Is open cart any good? you can go to there site and view the demo of the store front with tha shoping cart, and also the admin area, I kinda like the feel of it to be honest,

So anyone you opencart with their online stores? 

any input would be great, thanks!


----------



## Buechee (Dec 22, 2005)

It can be good. I use one. Check a few out and find one that fits your needs. There are a few free ones. Down load and give them a test drive. Hey you have nothing to loose but a day or two.


----------



## EgoismBrand (Aug 4, 2010)

opencart.com this is the one i will be using seems pretty sweet and smoth,


----------



## jibinfo (Oct 21, 2010)

zencart and magento are all very good


----------



## plan b (Feb 21, 2007)

If you use open cart don't get sucked into upgrading every time they release a new version,, this cart is developing rapidly and the new releases tend to be a bit buggy, with the fast development you don't see a lot of templates out there,, the current release seems very stable so I would say 1.4.9.1 is a great release


----------



## EgoismBrand (Aug 4, 2010)

well I it.
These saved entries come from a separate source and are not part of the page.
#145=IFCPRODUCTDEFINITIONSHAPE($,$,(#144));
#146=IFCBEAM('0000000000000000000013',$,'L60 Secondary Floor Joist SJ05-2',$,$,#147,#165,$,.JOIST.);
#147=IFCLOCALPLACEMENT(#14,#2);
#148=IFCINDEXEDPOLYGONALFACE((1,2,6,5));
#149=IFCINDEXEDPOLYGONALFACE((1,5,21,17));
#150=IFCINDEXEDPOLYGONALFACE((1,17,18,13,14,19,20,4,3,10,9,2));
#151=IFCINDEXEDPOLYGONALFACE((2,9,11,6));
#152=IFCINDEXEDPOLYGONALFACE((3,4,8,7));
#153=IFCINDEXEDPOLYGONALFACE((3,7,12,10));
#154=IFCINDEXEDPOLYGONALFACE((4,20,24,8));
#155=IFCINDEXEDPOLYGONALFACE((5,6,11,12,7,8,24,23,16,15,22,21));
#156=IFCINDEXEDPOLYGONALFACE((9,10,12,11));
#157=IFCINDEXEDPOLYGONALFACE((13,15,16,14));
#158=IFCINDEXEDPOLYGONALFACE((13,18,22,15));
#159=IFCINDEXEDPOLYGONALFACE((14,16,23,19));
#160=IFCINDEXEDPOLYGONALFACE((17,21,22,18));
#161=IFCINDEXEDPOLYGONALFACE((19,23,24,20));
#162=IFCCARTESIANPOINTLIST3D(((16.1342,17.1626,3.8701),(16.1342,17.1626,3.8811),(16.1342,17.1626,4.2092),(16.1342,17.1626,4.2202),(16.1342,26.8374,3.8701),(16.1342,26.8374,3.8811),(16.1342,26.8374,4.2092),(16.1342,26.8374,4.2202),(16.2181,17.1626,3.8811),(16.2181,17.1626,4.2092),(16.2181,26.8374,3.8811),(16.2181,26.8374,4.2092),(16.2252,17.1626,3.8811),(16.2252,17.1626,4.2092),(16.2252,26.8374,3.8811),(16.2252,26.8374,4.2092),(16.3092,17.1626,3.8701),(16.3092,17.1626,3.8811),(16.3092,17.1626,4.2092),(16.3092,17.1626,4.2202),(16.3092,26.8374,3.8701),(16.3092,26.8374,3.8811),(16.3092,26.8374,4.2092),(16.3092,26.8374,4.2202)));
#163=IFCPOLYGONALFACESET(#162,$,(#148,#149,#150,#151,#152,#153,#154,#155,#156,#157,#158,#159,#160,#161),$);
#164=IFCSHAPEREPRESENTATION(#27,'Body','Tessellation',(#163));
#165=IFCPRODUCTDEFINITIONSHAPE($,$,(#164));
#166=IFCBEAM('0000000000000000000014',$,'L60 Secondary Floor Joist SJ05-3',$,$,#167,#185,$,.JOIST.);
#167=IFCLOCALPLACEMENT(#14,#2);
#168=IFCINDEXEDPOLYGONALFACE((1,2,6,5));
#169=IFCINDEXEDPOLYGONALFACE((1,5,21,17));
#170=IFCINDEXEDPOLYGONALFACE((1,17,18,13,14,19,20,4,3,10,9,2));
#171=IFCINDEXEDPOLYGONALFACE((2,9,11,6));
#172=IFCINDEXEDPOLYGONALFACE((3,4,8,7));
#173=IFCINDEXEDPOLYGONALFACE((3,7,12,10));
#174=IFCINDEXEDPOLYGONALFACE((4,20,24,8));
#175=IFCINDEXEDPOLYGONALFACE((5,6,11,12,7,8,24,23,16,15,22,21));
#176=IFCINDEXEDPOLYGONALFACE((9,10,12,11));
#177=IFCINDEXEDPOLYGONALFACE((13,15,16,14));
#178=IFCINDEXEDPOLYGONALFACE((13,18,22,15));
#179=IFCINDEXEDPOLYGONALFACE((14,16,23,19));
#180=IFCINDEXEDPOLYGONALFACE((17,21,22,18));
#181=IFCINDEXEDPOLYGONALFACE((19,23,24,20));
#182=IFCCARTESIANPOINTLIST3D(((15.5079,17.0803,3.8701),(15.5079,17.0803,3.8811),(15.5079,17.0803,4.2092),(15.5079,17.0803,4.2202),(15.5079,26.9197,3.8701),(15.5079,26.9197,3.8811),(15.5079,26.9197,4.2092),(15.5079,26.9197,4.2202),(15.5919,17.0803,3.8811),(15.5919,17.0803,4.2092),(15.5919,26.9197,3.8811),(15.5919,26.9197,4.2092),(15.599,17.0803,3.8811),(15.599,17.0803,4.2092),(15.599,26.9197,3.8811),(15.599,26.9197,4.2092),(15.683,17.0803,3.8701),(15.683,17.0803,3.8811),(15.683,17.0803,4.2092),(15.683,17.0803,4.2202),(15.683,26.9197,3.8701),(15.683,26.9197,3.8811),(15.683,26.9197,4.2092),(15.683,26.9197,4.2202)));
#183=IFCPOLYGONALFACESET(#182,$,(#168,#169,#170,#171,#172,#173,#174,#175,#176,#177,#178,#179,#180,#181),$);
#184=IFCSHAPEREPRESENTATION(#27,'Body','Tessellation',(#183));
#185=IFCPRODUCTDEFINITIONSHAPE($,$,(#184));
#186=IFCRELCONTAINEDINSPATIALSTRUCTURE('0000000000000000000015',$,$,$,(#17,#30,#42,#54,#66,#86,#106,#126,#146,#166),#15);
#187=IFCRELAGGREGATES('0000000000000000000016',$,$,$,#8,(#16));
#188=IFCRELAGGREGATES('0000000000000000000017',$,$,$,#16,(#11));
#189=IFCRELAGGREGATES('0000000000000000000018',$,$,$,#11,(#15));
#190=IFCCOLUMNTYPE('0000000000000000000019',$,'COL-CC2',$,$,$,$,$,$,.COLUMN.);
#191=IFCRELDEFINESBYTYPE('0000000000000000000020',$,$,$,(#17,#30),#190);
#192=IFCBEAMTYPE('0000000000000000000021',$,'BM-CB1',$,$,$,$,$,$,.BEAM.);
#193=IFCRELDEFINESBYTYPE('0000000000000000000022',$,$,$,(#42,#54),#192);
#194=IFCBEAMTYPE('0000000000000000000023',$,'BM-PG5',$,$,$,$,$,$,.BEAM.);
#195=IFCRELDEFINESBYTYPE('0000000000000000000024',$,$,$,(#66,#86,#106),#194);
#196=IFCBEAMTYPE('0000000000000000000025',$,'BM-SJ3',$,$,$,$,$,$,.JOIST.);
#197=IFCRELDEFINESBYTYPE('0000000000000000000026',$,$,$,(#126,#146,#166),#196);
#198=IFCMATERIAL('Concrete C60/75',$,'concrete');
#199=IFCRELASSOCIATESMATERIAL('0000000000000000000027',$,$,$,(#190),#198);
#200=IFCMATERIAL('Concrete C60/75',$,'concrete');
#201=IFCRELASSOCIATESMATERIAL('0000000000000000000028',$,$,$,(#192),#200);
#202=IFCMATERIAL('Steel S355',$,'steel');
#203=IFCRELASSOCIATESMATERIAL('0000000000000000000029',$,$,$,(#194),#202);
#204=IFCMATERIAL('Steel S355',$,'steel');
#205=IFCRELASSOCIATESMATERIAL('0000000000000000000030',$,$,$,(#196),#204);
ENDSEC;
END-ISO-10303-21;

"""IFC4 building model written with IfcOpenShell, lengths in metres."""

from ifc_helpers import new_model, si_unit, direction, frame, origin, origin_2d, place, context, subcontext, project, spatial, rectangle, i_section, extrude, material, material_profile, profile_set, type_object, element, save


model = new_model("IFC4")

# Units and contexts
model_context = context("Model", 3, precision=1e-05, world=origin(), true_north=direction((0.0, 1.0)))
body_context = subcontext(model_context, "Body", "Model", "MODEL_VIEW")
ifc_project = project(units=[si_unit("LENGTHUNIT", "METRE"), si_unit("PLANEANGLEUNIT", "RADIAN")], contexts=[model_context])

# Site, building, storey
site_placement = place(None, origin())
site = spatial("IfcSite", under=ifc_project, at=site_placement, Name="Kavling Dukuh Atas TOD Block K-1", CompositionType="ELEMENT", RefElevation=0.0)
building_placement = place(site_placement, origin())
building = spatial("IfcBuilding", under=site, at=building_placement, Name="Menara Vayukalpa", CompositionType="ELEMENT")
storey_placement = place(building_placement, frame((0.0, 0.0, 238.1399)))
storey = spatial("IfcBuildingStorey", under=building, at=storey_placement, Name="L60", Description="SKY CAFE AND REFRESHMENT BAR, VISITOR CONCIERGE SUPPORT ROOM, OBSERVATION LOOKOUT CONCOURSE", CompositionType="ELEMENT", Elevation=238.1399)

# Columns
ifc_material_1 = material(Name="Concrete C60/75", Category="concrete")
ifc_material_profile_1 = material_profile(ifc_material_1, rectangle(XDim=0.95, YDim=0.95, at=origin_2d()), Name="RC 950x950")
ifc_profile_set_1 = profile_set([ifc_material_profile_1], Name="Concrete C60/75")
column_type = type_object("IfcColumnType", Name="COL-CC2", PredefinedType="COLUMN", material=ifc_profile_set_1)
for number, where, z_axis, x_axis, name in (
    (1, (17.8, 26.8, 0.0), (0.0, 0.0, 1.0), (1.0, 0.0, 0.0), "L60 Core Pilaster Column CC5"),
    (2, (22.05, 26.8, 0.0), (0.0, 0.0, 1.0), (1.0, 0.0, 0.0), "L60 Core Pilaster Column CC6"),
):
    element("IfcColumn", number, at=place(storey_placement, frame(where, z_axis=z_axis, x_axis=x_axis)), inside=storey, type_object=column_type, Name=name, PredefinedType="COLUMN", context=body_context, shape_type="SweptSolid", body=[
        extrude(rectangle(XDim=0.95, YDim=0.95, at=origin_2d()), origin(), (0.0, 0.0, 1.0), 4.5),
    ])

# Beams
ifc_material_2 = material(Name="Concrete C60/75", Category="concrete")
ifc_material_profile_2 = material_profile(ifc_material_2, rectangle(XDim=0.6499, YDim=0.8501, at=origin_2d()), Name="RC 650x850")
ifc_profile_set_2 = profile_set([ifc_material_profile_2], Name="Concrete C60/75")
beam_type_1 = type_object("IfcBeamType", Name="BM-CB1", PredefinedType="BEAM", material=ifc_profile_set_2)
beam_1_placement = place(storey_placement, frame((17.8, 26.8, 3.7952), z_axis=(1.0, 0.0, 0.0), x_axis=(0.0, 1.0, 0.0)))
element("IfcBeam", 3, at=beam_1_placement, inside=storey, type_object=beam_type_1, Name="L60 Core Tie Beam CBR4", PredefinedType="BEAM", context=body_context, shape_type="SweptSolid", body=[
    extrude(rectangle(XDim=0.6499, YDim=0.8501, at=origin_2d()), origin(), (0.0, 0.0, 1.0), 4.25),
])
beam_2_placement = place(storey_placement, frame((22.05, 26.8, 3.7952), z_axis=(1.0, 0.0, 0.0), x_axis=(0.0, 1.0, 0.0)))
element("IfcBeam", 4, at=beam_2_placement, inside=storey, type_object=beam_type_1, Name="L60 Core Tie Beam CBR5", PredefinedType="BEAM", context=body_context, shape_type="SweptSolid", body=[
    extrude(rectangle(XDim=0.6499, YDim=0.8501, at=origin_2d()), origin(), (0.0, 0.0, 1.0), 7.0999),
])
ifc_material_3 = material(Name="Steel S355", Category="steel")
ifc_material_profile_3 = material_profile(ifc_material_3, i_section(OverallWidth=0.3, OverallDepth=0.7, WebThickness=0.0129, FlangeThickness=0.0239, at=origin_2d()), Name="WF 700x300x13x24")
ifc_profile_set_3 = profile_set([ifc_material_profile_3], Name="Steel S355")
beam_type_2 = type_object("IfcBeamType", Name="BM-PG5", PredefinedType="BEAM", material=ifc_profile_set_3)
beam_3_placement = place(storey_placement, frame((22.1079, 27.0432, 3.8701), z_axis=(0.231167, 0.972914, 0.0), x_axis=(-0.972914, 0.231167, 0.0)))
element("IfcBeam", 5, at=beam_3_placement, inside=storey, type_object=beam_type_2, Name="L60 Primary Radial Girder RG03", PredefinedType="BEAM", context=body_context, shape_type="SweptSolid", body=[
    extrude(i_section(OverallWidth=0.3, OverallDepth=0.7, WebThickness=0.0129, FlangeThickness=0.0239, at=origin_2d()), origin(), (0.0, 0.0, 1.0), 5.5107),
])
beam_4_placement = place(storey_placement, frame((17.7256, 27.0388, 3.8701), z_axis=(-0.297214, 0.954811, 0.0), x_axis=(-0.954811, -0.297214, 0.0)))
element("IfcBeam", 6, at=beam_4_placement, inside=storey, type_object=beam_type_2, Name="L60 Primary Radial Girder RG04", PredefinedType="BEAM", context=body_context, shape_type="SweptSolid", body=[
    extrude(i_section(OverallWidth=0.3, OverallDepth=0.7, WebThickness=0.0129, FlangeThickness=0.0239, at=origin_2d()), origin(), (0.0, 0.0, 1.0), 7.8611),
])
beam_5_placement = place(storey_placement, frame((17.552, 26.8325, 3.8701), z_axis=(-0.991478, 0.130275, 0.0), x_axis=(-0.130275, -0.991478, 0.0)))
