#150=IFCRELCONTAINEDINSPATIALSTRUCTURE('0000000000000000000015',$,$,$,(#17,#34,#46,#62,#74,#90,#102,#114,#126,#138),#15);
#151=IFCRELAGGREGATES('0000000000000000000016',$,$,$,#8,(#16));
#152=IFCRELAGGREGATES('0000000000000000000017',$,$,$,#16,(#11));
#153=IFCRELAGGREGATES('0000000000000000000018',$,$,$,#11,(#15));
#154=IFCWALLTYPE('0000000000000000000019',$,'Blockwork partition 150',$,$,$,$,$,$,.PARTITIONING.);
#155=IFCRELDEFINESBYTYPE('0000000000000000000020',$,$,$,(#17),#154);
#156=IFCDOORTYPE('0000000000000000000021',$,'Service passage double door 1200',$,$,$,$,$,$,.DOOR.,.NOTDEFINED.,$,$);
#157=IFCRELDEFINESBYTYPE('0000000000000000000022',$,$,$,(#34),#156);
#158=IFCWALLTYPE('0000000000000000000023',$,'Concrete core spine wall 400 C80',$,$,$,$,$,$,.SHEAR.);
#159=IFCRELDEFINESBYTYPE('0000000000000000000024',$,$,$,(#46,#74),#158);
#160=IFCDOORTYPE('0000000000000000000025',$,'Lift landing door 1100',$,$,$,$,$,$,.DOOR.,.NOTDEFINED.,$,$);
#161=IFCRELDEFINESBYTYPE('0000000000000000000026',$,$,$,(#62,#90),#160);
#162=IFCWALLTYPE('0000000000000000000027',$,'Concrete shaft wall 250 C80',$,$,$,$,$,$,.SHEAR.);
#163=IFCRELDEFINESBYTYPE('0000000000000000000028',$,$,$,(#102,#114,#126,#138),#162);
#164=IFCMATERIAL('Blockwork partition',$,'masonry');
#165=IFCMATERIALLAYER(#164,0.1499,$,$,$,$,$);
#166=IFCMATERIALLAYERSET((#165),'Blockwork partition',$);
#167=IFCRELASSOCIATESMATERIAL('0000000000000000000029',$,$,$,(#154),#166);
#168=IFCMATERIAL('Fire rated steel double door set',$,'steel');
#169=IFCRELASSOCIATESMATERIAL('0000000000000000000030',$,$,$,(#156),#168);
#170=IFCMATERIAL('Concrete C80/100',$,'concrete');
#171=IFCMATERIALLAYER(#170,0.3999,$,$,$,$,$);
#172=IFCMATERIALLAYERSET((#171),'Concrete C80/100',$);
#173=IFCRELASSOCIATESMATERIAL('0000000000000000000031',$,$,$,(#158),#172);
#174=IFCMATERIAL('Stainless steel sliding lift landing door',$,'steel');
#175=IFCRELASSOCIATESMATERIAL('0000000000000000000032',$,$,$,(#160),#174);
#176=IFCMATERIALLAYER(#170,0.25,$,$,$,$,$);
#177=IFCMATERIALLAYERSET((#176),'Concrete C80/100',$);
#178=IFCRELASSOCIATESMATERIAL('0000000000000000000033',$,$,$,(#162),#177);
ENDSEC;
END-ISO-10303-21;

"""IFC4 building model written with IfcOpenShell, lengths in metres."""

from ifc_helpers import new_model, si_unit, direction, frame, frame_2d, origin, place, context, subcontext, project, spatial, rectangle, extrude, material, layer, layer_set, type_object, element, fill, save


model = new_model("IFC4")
Will be in a custom design,that I was going to get done and that's tha cart he uses,the demo seems great


----------



## apparel-printing (Nov 4, 2010)

Buechee said:


> It can be good. I use one. Check a few out and find one that fits your needs. There are a few free ones. Down load and give them a test drive. Hey you have nothing to loose but a day or two.


I appreciate your thinking...... I too think nearly the same way.... if there is provided a demo version of a software then seller should worry not the buyer.


----------